Transactions [Prohibition] Act, 1988 (45 of 1988) and the rules made thereunder. f The Company has not been declared as willful defaulter by any bank or financial Institution or other lender.

g The Company does not have any charges or satisfaction yet to be registered with Registrar of Companies beyond the

statutory period.

h The Company has complied with the number of layers prescribed under clause [87] of section 2 of the Act read with Companies [Restriction on number of Layers] Rules, 2017.

i No Scheme of Arrangements has been approved by the Competent Authority in terms of sections 230 to 237 of the Companies Act, 2013.

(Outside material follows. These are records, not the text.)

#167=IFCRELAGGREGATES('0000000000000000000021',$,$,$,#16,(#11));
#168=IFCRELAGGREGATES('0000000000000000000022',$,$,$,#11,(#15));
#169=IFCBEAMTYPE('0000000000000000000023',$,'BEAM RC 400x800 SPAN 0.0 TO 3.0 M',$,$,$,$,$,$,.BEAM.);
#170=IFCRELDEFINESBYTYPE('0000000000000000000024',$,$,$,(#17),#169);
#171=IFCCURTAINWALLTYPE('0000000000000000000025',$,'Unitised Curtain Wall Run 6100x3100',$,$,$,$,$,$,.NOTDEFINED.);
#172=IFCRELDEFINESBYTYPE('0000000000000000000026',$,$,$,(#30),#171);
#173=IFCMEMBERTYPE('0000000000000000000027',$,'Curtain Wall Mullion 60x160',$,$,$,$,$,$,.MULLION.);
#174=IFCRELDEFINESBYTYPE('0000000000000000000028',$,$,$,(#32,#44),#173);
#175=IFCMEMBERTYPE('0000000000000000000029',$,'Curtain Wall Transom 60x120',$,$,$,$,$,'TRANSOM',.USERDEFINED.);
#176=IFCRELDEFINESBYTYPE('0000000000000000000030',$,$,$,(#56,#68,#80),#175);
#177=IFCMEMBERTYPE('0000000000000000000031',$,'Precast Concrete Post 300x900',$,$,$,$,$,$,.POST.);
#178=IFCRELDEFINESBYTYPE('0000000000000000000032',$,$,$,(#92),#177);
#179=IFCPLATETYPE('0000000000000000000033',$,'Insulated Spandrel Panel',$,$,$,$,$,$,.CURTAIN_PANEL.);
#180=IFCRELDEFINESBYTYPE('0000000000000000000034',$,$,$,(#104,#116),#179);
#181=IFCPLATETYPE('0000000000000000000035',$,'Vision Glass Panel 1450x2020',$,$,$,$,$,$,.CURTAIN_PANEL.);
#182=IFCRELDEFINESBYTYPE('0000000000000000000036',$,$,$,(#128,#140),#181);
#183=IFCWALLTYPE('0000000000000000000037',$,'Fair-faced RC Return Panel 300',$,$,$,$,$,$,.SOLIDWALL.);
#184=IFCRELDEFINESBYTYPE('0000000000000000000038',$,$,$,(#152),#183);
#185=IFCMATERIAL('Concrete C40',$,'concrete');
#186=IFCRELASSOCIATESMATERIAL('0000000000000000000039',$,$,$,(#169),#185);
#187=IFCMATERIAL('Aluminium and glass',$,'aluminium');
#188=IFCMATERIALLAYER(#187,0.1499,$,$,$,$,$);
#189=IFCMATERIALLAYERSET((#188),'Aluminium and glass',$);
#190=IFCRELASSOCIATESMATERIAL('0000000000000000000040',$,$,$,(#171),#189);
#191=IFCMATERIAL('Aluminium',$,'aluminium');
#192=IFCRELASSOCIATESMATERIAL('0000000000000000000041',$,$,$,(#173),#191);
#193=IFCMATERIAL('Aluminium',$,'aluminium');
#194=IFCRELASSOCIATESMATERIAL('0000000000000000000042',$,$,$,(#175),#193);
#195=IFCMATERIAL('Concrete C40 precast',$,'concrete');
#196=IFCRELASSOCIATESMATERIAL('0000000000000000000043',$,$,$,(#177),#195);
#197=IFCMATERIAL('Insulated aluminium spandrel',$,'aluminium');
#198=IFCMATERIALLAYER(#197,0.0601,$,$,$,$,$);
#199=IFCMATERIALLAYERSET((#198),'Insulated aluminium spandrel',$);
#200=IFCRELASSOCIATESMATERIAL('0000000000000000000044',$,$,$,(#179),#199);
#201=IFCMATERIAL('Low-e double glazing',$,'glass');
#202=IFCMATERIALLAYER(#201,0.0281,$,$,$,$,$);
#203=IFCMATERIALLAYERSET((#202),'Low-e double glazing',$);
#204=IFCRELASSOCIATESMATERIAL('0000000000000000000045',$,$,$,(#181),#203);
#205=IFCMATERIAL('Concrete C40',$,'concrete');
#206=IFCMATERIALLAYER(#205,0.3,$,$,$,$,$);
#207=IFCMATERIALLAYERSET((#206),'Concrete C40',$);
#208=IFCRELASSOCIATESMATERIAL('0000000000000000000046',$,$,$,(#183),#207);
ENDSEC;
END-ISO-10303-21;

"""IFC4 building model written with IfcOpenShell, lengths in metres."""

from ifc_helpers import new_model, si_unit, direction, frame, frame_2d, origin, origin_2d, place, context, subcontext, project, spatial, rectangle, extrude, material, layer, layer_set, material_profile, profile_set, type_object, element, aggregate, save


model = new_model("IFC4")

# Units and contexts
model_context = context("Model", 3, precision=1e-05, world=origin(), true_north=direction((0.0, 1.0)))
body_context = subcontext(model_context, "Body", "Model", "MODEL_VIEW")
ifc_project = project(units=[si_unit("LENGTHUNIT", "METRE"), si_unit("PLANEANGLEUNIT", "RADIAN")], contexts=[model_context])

j The Company does not have any transaction which is not recorded in the books of accounts that has been surrendered or disclosed as income during the year in the tax assessments under the Income Tax Act, 1961 [such as, search or survey or any other relevant provisions of the Income Tax Act, 1961].

NOTE: 50-DISCLOSURE OF TRANSACTIONS WITH STRUCK OFF COMPANIES:

The Company did not have any material transaction with companies struck off under Section 248 of the Companies Act, 2013 or Section 560 of Companies Act, 1956 during the current and previous financial year.

NOTE: 51:

Pursuant to the Business Transfer Agreement [BTA] entered into by the Company with Watson Pharma Private Limited [Watson] on November 29, 2022, the transaction of acquisition of one of the business undertakings of Watson on a going concern basis by way of slump sale, at a lump-sum cash consideration of ' 468 Million by the Company had been completed on August 8, 2023.

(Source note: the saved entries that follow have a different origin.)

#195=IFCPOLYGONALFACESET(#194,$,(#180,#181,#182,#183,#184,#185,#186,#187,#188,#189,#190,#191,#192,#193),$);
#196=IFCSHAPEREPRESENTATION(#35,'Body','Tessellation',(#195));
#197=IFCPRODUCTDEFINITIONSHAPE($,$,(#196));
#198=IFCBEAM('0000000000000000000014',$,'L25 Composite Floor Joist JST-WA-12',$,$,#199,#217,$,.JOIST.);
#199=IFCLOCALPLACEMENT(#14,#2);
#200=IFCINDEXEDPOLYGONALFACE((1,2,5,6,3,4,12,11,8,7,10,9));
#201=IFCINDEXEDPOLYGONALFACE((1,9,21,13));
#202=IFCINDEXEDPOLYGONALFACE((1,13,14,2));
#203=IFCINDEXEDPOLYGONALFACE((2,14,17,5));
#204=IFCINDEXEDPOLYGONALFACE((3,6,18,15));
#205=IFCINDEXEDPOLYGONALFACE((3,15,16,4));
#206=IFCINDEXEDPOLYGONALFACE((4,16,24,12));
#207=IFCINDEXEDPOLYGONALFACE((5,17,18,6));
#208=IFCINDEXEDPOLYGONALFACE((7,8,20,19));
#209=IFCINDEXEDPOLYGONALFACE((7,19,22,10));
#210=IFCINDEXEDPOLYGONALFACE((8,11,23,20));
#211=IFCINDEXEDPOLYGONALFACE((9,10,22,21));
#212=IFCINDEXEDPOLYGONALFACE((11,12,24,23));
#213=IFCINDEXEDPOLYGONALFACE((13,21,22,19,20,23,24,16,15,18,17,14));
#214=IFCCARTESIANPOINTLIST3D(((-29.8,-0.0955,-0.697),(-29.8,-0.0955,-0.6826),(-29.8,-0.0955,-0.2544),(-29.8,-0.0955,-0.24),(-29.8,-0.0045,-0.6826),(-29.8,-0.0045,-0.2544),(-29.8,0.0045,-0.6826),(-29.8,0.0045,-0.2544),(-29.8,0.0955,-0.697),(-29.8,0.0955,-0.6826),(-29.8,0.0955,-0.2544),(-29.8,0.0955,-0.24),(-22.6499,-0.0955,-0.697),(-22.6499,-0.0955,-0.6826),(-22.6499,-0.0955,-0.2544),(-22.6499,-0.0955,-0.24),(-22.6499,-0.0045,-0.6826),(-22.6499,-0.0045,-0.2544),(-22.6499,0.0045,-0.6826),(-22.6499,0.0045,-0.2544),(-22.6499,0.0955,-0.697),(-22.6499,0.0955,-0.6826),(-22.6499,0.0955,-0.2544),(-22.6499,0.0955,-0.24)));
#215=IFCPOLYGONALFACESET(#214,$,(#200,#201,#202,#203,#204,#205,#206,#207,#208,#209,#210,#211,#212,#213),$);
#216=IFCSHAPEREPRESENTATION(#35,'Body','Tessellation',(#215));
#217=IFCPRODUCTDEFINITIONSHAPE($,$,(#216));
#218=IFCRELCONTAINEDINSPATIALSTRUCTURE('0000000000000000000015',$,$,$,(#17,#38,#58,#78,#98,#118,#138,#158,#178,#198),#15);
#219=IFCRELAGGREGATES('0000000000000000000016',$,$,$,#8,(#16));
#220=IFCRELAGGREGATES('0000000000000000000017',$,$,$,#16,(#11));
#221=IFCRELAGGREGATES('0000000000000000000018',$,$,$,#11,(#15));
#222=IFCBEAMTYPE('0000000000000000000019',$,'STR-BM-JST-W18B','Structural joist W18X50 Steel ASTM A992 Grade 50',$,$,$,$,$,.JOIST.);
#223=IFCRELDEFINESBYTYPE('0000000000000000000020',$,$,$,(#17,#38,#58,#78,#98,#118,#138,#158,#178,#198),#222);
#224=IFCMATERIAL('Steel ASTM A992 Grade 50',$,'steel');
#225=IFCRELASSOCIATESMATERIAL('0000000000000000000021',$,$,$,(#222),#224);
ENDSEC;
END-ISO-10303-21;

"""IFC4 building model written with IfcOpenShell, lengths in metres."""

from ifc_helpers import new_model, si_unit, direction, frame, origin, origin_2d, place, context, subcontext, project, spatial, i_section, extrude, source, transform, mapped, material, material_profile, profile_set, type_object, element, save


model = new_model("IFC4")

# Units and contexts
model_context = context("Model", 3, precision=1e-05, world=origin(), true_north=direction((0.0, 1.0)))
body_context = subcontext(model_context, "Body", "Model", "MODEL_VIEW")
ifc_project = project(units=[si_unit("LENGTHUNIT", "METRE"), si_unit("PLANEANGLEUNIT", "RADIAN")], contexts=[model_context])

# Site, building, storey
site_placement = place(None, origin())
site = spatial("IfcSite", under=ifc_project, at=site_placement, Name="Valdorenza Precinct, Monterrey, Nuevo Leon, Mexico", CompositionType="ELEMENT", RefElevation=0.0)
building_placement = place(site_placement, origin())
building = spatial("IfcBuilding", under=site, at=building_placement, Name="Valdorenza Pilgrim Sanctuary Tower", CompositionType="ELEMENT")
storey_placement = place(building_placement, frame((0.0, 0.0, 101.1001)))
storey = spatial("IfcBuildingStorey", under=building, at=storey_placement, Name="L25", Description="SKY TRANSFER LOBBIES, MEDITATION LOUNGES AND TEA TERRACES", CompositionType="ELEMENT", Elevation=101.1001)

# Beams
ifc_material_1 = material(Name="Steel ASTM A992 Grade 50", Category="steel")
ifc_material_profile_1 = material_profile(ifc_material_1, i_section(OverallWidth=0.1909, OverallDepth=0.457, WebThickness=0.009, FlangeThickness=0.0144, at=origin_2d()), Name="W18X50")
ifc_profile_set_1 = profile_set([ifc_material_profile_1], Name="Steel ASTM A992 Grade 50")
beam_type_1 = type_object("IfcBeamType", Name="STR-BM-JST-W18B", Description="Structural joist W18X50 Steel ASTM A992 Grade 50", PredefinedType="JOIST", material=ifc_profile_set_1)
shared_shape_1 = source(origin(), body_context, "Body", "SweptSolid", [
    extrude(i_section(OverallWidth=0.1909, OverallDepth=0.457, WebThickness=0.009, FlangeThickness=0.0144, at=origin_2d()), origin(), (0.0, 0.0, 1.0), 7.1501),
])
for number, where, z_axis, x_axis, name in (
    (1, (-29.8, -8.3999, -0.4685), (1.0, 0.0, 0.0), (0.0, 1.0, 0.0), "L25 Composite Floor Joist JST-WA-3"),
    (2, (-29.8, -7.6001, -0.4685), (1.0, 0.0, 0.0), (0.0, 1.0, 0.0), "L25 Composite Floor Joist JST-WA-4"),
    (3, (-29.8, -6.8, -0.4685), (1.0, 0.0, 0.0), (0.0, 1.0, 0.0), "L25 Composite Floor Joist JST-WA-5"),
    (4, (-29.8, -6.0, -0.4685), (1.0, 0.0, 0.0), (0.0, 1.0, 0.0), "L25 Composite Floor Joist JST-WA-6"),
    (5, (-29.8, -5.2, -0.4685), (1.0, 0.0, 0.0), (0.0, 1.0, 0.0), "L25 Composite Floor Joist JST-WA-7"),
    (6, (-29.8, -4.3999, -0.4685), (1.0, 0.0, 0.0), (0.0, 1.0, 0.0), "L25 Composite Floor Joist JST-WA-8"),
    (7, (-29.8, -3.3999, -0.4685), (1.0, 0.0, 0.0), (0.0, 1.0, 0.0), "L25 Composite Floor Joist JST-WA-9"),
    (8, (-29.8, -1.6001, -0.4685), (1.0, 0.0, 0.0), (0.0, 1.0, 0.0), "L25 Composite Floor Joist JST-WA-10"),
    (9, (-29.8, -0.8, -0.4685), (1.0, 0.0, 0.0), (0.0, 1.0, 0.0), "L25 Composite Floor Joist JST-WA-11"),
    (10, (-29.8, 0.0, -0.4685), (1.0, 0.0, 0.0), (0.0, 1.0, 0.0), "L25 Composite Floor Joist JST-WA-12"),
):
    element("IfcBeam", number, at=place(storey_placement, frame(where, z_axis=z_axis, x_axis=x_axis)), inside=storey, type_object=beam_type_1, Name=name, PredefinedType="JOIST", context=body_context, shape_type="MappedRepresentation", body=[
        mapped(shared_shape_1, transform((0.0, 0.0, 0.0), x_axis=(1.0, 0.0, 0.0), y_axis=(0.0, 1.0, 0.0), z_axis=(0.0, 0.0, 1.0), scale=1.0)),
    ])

Business undertaking of Watson is engaged in the business of developing, manufacturing, marketing and sale of APIs. This acquisition will help the Company to expand its presence in the APIs space through increase in product pipeline and manufacturing capacity.

The excess of the fair value of assets acquired over the acquisition cost paid has been attributed to Capital Reserve.

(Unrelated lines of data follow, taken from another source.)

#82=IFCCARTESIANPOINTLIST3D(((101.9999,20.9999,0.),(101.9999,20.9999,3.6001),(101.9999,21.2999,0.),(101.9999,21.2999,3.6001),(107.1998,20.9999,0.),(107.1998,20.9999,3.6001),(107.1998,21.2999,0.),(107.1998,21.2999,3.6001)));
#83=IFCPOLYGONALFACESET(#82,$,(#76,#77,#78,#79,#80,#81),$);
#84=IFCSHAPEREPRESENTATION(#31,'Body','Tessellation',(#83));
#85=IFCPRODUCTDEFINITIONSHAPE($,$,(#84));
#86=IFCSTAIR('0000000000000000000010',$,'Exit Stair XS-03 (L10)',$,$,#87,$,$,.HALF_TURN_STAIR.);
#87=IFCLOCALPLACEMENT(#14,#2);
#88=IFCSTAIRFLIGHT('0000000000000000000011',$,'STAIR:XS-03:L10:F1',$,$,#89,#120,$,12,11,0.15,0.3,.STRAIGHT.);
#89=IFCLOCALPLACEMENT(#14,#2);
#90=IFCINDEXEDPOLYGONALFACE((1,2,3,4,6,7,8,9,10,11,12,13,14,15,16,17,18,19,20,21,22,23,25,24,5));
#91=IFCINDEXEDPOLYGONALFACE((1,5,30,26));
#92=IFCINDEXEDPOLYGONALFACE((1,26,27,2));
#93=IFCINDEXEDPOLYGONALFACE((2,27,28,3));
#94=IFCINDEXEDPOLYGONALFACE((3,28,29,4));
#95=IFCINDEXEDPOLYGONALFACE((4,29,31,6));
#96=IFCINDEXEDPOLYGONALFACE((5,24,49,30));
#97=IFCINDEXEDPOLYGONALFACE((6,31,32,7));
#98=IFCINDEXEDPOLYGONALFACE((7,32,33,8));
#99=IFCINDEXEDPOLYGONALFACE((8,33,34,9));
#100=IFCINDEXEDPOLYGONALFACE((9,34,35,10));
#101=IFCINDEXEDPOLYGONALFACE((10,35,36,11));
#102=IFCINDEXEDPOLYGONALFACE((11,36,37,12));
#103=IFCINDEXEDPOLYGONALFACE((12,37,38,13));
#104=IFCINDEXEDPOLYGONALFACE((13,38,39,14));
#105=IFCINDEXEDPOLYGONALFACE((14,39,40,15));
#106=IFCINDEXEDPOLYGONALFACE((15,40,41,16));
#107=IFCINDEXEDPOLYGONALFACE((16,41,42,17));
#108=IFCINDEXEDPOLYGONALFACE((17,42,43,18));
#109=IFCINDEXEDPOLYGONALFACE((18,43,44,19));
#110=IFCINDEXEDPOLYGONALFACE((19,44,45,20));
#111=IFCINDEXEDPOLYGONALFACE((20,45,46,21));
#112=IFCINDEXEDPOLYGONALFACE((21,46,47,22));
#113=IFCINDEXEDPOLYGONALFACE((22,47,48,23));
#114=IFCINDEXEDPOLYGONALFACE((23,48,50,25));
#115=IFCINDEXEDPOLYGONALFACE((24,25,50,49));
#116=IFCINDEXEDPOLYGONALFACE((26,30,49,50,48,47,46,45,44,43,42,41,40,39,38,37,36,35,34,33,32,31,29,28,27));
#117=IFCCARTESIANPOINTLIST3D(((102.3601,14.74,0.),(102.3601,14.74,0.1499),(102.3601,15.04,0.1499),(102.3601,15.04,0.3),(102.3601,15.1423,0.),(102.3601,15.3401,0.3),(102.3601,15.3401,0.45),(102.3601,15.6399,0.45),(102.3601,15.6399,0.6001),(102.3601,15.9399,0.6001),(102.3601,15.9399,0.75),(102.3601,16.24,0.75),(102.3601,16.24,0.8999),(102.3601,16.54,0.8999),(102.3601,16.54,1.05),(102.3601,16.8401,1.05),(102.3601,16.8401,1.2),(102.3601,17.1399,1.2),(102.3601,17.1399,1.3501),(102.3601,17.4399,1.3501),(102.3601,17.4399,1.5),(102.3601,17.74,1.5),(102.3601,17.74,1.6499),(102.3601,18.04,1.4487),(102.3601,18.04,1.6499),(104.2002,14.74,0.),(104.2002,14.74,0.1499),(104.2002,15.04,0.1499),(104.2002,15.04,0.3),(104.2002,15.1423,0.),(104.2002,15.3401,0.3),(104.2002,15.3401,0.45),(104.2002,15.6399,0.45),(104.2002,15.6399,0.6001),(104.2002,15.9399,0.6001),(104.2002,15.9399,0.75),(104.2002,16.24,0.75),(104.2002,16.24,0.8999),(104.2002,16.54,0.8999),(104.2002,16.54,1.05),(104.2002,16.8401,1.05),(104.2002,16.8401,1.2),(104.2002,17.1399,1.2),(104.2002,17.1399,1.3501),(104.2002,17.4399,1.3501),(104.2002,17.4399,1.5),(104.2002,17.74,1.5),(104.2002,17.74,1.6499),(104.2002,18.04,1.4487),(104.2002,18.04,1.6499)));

The standalone financial statement for the year ended March 31, 2024 include the operations of the acquired business undertaking of Watson for the period from August 8, 2023.

NOTE: 52-ASSETS CLASSIFIED AS HELD FOR SALE:

The Board of Directors of the Company, at its meeting held on May 2, 2024, approved to enter into a Share Purchase Agreement [SPA] amongst the Company, Bayer Zydus Pharma Private Limited [BZPPL] and Bayer Pharmaceuticals Private Limited [BPPL] to sell its entire holding of 12,499,999 equity shares [representing 24.99998% of the total paid-up share capital] of BZPPL to BPPL. The said transaction of transfer of shares was completed on May 6, 2024. Post completion of the said transaction, the Company does not hold any shares of BZPPL.

In accordance with Ind AS 105 “Non-Current Assets held for Sale and Discontinued Operations”, investment in BZPPL was classified as “Assets held for sale” from Investments and disclosed separately at the lower of its carrying value and fair value less costs to sell as at March 31, 2024.

NOTE: 53:

Figures of previous year have been regrouped/ reclassified to conform to current year's classification.